The current debate has focused either on growth or inflation, either worries that activity is still weak or that prices are rising too quickly. Those more concerned with inflation favour higher interest rates to nip the price pressures in the bud, whereas those still unconvinced about the pace of growth argue that higher interest rates would undermine recovery. This uncertainty about interest rates is damaging for confidence in both the personal and corporate sectors. The picture seems at last to have become a little clearer.

There was probably a huge sigh of relief at the Treasury when the first cut of first-quarter growth was estimated at 0.5 percent. This reversed the fall in fourth-quarter 2010 GDP and indicated that the recovery had not been derailed. It did no more, however, than reclaim the ground that had been lost in the weather-affected final months of last year and, taking the two quarters together, pointed to an economy still in a fragile condition. Activity clearly still needs some encouragement – particularly from continued low interest rates.

A week earlier, the Consumer Price Index (CPI) showed a fall in the annual rate of inflation from 4.4 percent to four percent. However, April’s CPI figures released on 17 May returned to 4.5 percent. The inflation hawks feared that the rise in consumer prices would have a knock-on effect on wage settlements and the UK would get caught up in a wage-price spiral. The doves, on the other hand, argued that inflation was either imported (commodity and energy prices) or government-induced (excise duties and VAT) and higher interest rates were more likely to damage growth than curb inflation.

 

It now seems the balance of the argument favours the interest rate doves. The rise in GDP was not so fast, nor was the change in the CPI so marked, as to justify a change in policy. And there are reasons to believe that the inflationary pressures will ease. Currently, the annual increase in the CPI is running well ahead of earnings growth, thus depressing real earnings. This is exactly what higher interest rates do, of course, so why should the Monetary Policy Committee want to do it twice? There are enough deflationary forces in the system without increasing bank rate.

At the moment, the rebalancing of the economy that the authorities want is slowly underway. Growth can no longer rely on consumer spending or the public sector as it did for too long. Both remain boxed in by debt, and low interest rates matter to both. Instead, it is the corporate sector, and particularly manufacturing, that is leading the way. But the process has barely started and there are many more bumps in the road before we are back to business as usual. The fears about an inflationary spiral seem misplaced in the current environment and raising interest rates will send out the wrong signal about the authorities’ economic priorities. A well-balanced recovery along with sound government finances are the issues that matter most, even if the cost is that inflation is a little higher for a little longer than the target range.

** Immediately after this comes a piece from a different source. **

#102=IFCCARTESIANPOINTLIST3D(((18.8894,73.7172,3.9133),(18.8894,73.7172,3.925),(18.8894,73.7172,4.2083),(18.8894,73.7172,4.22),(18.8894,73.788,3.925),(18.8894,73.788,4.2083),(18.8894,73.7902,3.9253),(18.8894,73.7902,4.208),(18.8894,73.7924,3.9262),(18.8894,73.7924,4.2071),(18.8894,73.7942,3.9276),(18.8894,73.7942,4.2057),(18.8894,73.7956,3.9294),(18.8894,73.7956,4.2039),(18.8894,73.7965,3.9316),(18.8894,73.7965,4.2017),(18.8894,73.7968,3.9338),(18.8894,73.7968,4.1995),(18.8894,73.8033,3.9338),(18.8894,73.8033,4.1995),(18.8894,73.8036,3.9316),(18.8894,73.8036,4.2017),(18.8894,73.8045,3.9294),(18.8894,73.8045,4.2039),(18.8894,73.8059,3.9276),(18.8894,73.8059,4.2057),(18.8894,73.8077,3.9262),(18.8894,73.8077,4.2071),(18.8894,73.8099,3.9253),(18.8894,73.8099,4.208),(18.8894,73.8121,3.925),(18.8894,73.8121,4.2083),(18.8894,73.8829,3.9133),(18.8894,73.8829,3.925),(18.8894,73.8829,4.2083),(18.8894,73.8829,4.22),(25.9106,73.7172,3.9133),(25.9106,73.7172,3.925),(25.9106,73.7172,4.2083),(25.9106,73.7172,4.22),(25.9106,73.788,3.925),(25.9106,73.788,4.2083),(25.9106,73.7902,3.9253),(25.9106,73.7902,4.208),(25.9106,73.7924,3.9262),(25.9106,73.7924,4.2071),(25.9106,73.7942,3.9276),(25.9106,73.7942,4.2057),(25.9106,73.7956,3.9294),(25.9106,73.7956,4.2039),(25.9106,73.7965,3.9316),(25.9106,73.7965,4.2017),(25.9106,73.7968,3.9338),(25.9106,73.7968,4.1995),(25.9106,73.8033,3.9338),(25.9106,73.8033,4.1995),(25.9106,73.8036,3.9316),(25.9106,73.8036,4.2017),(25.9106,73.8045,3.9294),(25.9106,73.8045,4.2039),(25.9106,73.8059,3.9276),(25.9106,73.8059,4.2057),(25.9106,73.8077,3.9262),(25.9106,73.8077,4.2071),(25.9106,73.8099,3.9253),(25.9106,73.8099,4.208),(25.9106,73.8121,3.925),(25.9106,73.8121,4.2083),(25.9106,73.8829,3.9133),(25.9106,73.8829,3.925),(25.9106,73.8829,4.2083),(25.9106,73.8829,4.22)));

There is, of course, no secret to achieving zero inflation. All the authorities need to do is grind the economy to a halt. If there is no activity, there is no inflation. Focusing on inflation when activity is still so weak – and before the full effect of the fiscal rebalancing comes into effect – runs the risk of pushing the economy down again. Inflation is not good for an economy, but a prolonged recession is even worse. Bank rate should stay on hold for the rest of this year.